= We Care Film Festival =

Film festival

The We Care Film Festival is an effort by the Indian organization Brotherhood, in partnership with UNESCO, to raise awareness and to dispel stereotypes about people with disabilities.

== Background ==
According to the United Nations, one billion people in the world constitute the largest global minority, people with disabilities. Of this population, 40-80 million reside in India. India plays an active role in the disability rights movement and has ratified and signed the United Nations Convention on the Rights of Persons with Disabilities in 2007. However, it does not adequately address the challenges faced by these groups of people, such as lack of accessibility throughout the country. Another crucial issue is the promotion of negative stereotypes about disability in films, like those from Bollywood.

== Overview ==
Brotherhood is an organization that has been actively fighting for the rights of disabled communities since 2002. They have pioneered the disability rights movement by carrying out conversations, and taking advantage of the influence of audio-visual media.
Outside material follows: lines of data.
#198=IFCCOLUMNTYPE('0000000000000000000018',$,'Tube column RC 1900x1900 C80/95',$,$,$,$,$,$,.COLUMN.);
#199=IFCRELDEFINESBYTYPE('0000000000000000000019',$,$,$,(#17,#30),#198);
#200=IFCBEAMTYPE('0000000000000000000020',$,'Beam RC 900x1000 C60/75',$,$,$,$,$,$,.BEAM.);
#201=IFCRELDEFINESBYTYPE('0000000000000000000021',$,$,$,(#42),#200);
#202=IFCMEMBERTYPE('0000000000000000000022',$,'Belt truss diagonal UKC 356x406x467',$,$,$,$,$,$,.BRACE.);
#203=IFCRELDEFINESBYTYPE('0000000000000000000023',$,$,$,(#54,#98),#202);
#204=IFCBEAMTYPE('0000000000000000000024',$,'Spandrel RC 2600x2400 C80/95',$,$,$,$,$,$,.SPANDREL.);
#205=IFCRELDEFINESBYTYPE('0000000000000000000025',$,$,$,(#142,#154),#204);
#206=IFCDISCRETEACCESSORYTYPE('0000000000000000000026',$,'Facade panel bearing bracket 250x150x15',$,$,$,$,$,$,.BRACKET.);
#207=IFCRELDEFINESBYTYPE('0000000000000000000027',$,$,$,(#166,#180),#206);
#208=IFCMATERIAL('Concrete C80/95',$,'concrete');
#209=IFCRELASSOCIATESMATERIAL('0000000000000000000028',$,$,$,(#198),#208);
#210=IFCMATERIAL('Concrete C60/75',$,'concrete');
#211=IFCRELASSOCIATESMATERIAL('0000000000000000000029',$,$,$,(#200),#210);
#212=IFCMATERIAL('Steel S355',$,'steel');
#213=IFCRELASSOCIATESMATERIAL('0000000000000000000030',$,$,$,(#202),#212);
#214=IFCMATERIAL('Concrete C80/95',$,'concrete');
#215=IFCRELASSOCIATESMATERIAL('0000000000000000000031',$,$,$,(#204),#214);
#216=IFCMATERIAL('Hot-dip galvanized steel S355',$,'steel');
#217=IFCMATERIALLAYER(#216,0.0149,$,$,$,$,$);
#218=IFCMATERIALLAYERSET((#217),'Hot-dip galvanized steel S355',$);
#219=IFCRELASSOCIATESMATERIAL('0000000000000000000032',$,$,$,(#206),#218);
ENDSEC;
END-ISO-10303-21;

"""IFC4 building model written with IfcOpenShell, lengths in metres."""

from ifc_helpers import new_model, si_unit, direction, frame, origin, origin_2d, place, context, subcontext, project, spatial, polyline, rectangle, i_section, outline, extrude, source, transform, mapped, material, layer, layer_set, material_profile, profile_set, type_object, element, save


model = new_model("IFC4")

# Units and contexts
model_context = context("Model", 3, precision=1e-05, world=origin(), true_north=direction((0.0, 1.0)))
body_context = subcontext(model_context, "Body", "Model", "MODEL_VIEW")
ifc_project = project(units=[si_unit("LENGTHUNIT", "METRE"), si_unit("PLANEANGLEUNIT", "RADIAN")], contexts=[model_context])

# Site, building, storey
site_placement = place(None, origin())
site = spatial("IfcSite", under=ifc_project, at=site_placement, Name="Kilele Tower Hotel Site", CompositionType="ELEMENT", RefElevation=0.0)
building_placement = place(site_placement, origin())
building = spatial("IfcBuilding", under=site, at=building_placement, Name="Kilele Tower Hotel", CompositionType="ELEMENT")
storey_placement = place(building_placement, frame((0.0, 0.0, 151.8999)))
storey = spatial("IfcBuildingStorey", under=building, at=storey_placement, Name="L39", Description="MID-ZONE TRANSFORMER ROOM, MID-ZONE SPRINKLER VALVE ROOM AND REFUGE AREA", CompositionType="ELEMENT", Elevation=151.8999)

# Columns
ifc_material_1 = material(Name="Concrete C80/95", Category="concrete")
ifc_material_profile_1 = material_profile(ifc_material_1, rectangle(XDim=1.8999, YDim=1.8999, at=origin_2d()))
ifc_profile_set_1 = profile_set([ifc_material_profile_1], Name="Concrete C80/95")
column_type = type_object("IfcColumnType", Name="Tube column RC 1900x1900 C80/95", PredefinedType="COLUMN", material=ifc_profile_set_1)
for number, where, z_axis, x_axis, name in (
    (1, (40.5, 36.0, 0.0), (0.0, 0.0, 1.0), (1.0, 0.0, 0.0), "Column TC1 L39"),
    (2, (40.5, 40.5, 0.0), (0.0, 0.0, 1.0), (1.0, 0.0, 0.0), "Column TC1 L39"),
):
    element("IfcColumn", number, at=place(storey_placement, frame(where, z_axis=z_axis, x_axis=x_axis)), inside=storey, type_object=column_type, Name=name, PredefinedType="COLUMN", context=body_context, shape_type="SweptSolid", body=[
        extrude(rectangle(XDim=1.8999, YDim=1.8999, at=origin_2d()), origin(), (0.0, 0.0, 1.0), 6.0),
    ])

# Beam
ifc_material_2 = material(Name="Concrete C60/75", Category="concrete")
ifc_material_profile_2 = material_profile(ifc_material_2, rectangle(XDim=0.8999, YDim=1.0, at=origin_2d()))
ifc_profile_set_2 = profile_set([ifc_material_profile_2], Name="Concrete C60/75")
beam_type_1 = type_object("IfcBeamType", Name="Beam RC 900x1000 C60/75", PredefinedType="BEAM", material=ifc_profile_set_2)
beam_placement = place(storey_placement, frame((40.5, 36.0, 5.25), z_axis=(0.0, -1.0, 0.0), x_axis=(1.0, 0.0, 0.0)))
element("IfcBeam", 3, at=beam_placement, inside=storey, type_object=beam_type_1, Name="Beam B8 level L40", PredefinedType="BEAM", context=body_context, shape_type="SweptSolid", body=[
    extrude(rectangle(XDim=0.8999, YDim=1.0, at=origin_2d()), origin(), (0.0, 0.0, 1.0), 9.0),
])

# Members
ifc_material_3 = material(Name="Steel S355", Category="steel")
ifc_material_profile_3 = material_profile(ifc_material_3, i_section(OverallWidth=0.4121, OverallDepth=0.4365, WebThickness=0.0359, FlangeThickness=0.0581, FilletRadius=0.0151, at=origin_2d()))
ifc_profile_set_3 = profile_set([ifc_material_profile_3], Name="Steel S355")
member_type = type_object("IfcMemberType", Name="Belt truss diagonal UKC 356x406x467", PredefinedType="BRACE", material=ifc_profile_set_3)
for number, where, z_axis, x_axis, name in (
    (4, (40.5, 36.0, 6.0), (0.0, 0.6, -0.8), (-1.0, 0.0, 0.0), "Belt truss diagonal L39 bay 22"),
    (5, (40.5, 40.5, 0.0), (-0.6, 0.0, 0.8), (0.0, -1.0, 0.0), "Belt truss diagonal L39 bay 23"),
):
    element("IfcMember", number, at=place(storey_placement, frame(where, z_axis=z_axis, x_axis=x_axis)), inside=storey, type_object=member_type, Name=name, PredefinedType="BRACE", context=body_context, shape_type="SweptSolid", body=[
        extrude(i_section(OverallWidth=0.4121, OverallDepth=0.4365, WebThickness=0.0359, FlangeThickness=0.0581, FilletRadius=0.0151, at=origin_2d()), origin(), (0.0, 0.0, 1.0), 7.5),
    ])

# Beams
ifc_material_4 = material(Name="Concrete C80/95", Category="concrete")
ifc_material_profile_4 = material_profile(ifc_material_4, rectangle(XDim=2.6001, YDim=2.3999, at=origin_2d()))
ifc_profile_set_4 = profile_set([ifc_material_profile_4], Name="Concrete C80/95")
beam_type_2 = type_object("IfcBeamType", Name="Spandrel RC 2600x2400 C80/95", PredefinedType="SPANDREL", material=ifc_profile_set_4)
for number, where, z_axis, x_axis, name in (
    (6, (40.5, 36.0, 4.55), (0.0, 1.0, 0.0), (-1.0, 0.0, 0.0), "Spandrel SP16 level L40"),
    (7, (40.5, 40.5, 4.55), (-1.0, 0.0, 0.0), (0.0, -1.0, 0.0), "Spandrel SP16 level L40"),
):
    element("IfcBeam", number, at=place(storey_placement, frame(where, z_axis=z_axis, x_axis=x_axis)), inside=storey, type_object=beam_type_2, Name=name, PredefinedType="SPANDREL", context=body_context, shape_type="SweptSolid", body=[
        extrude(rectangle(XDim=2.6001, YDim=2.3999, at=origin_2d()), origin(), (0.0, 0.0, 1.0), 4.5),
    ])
Through various initiatives, they strive to utilize documentaries and film to dispel stereotypes and misconceptions pertaining to disabilities, and to raise awareness among the Indian public as well as global audiences.

Drawing on the aforementioned UN treaty, Brotherhood - in collaboration with the United Nations Information Centre for India and Bhutan, UNESCO, National Trust (a Statutory Body of the Ministry of Social Justice and Empowerment) and Apeejay Institute of Mass Communication - organize the We Care Film Festival every year. This year marked the festival's thirteenth year, a milestone because it is the only international film festival that is officially recognized as a UNESCO partner, according to the New Delhi Declaration, which was adopted by UNESCO and signed by 203 countries as of November 2015.

== Viewpoints ==
Dr. Sushma Batra, Professor of Social Work at the University at Delhi, and K. Kannan, a New Delhi-based journalist, are advocates of the movement toward disability rights. They write:

While there are people who believe in the power of cinema to change the world, there are others who say that its chief purpose is to entertain people. And so, the disability experience too has been twisted and distorted to suit the dynamics of entertainment by many film-makers across the globe. And there have been some who have used films to highlight the reality of the disability experience and the diversity it brings to the world, how coping-up mechanisms highlight the triumph of spirit over the body and so on.
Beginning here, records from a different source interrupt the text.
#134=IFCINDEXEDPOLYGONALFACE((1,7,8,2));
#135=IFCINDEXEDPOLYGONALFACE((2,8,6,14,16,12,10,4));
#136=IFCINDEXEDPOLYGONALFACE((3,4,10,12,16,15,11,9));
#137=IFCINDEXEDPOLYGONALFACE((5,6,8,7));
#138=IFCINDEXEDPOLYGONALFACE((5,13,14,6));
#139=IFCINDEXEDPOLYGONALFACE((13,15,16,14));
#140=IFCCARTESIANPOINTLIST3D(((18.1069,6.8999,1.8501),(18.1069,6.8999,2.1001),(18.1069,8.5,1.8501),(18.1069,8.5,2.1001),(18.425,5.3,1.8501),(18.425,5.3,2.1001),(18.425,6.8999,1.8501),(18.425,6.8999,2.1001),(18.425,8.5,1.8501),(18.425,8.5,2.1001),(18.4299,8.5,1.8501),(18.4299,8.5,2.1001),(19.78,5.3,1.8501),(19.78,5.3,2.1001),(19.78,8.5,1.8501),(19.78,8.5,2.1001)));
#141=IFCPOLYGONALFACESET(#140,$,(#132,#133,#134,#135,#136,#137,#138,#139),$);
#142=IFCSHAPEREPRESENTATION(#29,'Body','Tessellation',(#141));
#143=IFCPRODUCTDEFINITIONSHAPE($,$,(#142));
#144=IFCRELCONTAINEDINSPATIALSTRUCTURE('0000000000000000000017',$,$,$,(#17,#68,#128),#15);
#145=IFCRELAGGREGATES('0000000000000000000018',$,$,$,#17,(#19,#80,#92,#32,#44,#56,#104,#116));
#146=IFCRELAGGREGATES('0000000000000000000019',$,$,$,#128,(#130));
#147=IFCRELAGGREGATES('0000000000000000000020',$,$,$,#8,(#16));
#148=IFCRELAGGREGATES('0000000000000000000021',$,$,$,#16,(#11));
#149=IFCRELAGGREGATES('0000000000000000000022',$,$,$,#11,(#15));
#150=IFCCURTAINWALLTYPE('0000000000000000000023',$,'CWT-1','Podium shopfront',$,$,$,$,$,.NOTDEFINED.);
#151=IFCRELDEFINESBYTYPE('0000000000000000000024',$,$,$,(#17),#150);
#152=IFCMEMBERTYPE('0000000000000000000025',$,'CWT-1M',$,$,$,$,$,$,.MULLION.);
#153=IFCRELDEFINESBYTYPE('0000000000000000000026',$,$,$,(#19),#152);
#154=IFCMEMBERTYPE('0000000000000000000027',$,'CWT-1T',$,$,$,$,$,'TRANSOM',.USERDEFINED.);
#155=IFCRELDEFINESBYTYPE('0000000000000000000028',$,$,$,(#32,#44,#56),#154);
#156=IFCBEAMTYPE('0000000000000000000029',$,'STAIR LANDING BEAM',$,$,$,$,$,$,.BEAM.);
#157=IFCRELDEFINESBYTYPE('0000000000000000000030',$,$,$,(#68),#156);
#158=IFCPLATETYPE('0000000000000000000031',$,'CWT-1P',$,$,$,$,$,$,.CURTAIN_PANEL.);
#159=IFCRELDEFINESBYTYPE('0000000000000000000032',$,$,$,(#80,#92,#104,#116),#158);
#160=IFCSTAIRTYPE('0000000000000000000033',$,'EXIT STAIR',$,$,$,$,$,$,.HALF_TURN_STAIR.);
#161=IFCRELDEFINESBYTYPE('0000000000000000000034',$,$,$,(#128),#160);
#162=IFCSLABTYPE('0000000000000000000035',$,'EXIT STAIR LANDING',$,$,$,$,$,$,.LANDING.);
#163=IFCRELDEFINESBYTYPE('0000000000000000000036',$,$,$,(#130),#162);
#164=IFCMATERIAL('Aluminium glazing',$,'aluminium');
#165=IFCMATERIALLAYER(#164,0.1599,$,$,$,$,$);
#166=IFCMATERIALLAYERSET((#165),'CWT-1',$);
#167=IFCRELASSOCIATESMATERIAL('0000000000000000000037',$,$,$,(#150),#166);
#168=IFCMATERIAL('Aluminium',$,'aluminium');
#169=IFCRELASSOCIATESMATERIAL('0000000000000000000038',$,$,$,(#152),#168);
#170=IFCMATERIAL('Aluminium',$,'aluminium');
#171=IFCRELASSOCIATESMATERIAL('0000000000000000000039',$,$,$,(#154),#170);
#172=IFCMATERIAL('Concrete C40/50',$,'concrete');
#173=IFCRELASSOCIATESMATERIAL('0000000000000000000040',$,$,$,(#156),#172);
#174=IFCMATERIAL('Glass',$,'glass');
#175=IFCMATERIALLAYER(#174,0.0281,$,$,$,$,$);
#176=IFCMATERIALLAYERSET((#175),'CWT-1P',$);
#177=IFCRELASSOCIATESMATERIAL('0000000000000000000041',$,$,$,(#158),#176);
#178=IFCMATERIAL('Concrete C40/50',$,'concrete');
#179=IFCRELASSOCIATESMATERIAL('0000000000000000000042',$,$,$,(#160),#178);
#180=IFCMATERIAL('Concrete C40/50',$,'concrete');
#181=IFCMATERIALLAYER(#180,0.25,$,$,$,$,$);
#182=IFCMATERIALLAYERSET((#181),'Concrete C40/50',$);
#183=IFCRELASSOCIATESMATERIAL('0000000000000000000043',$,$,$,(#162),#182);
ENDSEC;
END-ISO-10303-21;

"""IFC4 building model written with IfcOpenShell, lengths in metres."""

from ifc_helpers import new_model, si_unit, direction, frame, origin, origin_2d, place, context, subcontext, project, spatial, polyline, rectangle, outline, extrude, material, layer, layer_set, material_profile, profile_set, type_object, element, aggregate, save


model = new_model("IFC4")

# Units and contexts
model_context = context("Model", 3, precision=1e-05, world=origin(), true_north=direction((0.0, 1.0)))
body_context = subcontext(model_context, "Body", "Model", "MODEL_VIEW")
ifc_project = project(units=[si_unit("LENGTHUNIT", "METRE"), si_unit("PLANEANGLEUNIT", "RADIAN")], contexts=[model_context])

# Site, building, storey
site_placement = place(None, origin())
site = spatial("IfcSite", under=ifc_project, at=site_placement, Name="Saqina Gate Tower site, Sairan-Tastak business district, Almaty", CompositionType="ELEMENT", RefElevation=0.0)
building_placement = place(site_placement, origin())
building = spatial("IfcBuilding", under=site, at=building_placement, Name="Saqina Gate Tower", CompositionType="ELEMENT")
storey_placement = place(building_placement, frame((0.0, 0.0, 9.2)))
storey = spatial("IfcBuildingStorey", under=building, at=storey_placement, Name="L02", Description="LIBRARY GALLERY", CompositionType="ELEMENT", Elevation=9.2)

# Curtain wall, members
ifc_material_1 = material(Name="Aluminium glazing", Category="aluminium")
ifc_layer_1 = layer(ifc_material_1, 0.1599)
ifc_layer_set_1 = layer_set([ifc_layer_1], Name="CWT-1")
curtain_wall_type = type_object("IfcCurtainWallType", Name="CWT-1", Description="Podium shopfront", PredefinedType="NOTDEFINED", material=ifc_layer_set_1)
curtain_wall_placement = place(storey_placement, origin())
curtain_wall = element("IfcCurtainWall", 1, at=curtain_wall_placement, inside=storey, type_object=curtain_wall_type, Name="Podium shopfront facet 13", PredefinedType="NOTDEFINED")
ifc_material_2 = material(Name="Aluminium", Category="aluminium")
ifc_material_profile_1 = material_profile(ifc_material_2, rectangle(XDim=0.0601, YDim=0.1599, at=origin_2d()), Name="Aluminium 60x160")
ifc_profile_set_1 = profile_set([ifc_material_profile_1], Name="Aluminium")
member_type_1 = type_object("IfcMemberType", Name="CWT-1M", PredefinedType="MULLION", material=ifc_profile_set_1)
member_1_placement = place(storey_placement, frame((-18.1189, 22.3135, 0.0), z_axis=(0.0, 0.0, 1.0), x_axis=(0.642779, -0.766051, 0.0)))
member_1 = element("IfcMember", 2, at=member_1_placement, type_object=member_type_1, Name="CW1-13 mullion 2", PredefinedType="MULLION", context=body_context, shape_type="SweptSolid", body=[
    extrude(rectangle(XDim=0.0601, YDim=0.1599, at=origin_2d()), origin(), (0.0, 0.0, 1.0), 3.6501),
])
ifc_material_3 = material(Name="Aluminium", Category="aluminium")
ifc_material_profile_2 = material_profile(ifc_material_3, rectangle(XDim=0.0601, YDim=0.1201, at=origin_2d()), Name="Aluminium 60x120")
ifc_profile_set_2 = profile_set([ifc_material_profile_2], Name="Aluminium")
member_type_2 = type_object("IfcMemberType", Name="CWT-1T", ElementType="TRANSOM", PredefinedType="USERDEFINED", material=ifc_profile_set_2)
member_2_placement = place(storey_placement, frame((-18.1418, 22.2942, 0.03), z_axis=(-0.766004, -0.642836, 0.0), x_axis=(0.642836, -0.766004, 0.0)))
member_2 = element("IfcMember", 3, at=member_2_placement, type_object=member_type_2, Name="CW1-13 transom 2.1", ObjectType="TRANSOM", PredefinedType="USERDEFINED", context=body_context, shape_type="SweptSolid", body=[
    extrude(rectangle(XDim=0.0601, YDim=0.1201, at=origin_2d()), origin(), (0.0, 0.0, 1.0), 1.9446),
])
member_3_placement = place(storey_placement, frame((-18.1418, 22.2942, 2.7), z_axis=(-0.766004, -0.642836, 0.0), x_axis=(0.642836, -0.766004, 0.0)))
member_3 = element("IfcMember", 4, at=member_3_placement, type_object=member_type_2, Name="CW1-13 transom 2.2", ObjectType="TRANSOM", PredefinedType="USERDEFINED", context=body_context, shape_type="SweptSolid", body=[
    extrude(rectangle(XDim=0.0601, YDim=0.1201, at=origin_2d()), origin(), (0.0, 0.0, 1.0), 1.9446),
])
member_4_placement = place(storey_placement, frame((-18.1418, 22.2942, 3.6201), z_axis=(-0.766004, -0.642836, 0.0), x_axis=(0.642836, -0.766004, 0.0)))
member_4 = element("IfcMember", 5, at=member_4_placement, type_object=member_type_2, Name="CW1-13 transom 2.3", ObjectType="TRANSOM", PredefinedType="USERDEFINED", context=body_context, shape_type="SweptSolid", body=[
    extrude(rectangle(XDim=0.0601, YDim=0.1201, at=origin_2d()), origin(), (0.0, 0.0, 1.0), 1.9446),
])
Kannan and Dr. Batra acknowledge the strong sphere of influence that cinema has in societies, nationally and internationally. They point out that due to the goal of entertaining the masses, filmmakers undermine the experiences of disabled populations through some very negative stereotypes and tropes. Many Bollywood films either over-dramatize disabled characters or mock them through cartoon-esque and pity-inducing depictions.

== Common tropes ==
This section will examine common tropes – highlighted by Kannan and Dr. Batra – employed by filmmakers in Bollywood film, notions that this film festival seeks to dispel.

Disabled characters may be utilized as a comic interlude for the entertainment of audiences. A film series that perfectly illustrates this is Golmaal. They may be regarded with pity and a sense of condescension. The trope, a patronizing attitude, is used to paint the "hero" or protagonist of a film in a positive light by means of looking down upon the disabled character. Disability has been used by filmmakers as a convenience to enhance the plot of the story. An example is Koyla (1997 film).

Some films depict disabled characters as heroes, which can be very problematic. Through the language and behaviors used in certain films, disabled peoples are portrayed as being liabilities and burdensome unproductive members of society.

Films may downplay the magnitude of disabilities by imparting the idea that there are "quick fixes" to an individual's disabilities, like Deewane Huye Paagal (2005 film). Lastly, films portray disabled peoples as being "cured" by external forces, such as by aliens in Koi... Mil Gaya (2003 film).